Au cœur de la Bretagne profonde, la Sécardais conjugue une chapelle gothique de 1608 et un corps de logis mansardé du XVIIIe siècle — un écrin discret que Châteaubriand lui-même aimait à parcourir.
Niché dans le bocage breton de Mézières-sur-Couesnon, le château de la Sécardais est l'un de ces domaines secrets qui résument à eux seuls plusieurs siècles d'architecture seigneuriale française. Loin des fastes ostentatoires de la Loire, il incarne une noblesse rurale sobre et cohérente, où chaque bâtiment témoigne d'une époque différente sans jamais rompre l'harmonie de l'ensemble. C'est précisément cette stratification discrète qui lui confère un caractère unique. Ce qui distingue véritablement la Sécardais, c'est la coexistence presque paradoxale de sa chapelle gothique tardive, datée de 1608, et de son corps de logis classique à toit à la Mansart, édifié en 1758 par l'architecte Forestier le Jeune. Là où d'autres châteaux ont effacé leurs premières pierres pour afficher un visage uniforme, la Sécardais a conservé les cicatrices de son histoire, les assumant comme autant de médailles. Le visiteur attentif lira dans ses murs un dialogue entre le gothique finissant et le classicisme triomphant. Se promener dans la cour intérieure, c'est traverser les siècles en quelques pas. Les anciennes écuries, reconverties en logis dès 1712, rappellent l'ingéniosité économe des propriétaires bretons, tandis que le bâtiment d'écurie du XIXe siècle témoigne d'une perpétuelle adaptation aux usages de chaque époque. Le campanile central qui couronne le toit à la Mansart apporte une touche d'élégance presque italianisante, inattendue sous ce ciel d'Ille-et-Vilaine. Le domaine doit également une part de sa renommée à François-René de Châteaubriand, qui se promenait dans ses abords et en a gardé le souvenir dans ses *Mémoires d'Outre-Tombe*. Cette proximité littéraire confère au lieu une aura romantique supplémentaire, transformant la simple visite architecturale en pèlerinage dans les paysages d'une âme fondatrice de la littérature française. Protégé par une inscription aux Monuments Historiques depuis 2004, le château de la Sécardais est aujourd'hui un refuge patrimonial précieux, idéal pour les amateurs d'architecture bretonne authentique, les passionnés de Châteaubriand et tous ceux qui préfèrent les beautés discrètes aux gloires trop évidentes.

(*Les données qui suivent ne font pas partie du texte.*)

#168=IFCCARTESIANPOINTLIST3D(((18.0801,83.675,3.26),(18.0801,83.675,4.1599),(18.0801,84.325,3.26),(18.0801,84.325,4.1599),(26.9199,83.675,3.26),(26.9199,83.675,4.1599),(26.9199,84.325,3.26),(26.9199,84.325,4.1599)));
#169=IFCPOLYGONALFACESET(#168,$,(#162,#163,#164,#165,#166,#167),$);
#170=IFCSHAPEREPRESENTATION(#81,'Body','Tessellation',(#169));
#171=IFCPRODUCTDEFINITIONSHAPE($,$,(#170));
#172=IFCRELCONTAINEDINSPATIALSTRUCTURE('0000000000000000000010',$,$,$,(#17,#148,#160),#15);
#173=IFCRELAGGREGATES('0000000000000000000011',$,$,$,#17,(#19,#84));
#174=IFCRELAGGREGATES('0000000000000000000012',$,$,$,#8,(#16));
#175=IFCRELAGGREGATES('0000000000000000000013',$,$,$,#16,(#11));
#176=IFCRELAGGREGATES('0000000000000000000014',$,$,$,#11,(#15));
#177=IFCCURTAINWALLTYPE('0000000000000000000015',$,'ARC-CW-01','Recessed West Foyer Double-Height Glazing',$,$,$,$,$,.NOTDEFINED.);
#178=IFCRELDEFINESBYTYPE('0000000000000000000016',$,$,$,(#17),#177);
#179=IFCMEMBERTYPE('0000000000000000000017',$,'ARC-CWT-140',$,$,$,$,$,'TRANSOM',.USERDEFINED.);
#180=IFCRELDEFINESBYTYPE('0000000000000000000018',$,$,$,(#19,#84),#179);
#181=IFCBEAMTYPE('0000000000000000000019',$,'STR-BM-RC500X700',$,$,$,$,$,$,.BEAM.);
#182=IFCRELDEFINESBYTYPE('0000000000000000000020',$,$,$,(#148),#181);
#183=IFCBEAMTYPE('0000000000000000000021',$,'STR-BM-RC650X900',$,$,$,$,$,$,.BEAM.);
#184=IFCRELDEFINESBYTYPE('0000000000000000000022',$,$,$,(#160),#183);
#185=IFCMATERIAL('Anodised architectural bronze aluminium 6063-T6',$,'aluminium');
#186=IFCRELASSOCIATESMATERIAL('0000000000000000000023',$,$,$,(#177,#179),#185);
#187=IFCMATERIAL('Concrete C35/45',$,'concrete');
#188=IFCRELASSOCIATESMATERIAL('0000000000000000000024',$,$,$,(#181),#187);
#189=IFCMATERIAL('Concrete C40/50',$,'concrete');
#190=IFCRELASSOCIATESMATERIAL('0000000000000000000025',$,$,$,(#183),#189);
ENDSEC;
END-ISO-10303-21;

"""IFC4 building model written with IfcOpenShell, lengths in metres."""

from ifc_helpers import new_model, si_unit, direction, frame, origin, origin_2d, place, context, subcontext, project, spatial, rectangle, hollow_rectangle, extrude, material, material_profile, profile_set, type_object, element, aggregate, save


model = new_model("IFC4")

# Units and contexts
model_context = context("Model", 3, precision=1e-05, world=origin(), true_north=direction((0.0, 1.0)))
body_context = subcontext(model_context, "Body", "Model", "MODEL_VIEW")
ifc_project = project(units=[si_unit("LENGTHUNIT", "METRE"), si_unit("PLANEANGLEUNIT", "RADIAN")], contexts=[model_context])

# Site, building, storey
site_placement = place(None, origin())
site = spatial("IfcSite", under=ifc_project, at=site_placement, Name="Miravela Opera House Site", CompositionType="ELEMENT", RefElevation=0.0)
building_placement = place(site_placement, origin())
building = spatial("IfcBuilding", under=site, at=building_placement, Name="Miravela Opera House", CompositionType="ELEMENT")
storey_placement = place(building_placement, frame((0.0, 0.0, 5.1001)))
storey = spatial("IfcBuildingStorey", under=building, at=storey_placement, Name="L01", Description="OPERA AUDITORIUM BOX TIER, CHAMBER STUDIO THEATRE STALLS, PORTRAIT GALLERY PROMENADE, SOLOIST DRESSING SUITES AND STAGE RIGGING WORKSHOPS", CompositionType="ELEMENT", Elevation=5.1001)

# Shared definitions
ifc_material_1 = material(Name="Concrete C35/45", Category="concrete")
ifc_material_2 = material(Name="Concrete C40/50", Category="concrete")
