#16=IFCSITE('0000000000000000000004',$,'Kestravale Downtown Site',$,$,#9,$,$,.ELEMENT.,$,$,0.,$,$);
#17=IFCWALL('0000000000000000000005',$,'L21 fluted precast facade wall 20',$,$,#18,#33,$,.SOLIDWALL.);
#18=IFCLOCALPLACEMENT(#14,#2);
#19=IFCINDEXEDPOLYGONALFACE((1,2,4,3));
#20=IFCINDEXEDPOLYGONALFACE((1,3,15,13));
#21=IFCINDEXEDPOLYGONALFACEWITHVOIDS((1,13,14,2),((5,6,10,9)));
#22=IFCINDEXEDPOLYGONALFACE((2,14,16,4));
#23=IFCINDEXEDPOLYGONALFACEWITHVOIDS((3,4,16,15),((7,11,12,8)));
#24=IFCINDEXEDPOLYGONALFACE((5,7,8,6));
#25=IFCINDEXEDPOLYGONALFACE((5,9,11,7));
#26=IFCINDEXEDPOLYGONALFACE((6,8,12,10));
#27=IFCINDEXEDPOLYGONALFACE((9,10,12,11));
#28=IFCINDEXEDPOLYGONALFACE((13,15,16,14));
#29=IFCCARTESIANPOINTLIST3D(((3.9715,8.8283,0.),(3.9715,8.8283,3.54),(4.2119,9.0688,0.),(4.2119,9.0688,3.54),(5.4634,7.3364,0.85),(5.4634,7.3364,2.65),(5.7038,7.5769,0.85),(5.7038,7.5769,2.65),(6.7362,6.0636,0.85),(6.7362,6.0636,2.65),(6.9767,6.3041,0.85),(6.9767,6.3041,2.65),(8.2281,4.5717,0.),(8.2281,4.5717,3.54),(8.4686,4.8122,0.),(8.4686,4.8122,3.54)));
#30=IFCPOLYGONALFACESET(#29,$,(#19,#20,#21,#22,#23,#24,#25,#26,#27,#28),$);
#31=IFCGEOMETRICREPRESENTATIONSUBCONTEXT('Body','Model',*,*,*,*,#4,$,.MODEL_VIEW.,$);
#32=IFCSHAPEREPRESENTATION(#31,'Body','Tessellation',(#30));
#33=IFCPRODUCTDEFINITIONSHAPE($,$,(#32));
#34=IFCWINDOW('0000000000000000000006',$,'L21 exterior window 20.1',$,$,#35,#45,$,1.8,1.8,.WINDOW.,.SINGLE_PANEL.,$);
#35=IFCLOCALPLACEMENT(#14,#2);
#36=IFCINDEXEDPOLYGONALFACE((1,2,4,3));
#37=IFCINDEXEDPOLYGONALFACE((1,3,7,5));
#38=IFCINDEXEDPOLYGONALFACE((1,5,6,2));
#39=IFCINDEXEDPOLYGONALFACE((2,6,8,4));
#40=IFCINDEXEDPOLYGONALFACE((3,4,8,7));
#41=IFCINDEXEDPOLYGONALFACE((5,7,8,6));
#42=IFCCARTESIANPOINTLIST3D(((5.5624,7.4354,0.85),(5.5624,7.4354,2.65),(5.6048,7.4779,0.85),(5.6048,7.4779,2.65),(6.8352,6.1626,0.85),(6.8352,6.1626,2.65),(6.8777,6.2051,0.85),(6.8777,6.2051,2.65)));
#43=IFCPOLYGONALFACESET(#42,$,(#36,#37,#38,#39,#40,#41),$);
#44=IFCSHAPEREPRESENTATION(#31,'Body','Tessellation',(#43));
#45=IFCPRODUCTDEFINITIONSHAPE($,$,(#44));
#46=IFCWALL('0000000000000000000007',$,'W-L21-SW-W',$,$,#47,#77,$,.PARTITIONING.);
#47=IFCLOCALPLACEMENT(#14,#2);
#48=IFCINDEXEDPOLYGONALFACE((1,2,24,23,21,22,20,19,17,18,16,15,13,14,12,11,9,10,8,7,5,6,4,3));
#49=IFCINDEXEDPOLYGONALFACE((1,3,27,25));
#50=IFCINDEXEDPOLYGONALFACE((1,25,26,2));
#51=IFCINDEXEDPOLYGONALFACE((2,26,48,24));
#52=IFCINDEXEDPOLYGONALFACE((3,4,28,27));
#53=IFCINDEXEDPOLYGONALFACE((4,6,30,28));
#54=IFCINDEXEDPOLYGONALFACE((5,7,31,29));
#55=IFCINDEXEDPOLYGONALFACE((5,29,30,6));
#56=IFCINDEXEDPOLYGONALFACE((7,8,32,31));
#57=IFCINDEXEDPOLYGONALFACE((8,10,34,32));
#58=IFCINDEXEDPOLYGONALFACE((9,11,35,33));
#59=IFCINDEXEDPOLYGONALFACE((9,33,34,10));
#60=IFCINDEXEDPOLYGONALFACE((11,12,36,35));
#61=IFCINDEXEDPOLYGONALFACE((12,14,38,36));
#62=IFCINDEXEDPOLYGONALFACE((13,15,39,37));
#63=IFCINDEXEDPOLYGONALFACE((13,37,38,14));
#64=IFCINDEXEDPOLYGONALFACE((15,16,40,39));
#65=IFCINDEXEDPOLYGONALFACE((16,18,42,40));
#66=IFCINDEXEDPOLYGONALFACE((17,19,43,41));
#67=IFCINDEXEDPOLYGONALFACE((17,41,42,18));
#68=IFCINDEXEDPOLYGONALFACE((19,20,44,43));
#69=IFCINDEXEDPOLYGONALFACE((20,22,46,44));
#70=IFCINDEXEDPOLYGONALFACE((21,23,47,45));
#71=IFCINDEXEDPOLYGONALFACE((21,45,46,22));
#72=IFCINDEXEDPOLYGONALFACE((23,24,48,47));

L'architecture de la Sécardais se lit comme un palimpseste : plusieurs époques superposées, chacune laissant sa marque sans effacer la précédente. Le corps de logis principal, construit par Forestier le Jeune en 1758, adopte un plan rectangulaire sobre, conforme au classicisme provincial français du milieu du XVIIIe siècle. Sa toiture à la Mansart — à double pente brisée — constitue l'élément le plus spectaculaire de l'édifice, surmontée d'un campanile central qui rompt l'horizontalité du faîte et lui confère une silhouette pittoresque. De part et d'autre, de hautes souches de cheminées latérales achèvent de rythmer le profil de la toiture avec une élégance calculée. La chapelle, datée de 1608, est un chef-d'œuvre de gothique tardif breton. Son aspect extérieur, résolument médiéval dans ses références formelles, contraste délibérément avec la façade classique du logis. À l'intérieur, la voûte lambrissée révèle un programme décoratif particulièrement raffiné : des sablières moulurées et des entraits sculptés mêlent avec bonheur influences gothiques — nervures, motifs végétaux stylisés — et classiques — médaillons, rinceaux — dans une synthèse typique du premier XVIIe siècle français, qui n'a pas encore rompu définitivement avec l'héritage médiéval. L'ensemble des bâtiments s'organise autour d'une cour intérieure, selon la tradition des manoirs et châteaux bretons. Ce dispositif en quadrilatère partiel intègre le corps de logis principal, les anciens bâtiments de service reconvertis au XVIIIe siècle, et l'écurie du XIXe siècle. Cette organisation autour d'une cour, héritée des pratiques médiévales, assure à la fois une défense symbolique et une organisation fonctionnelle du domaine agricole et résidentiel.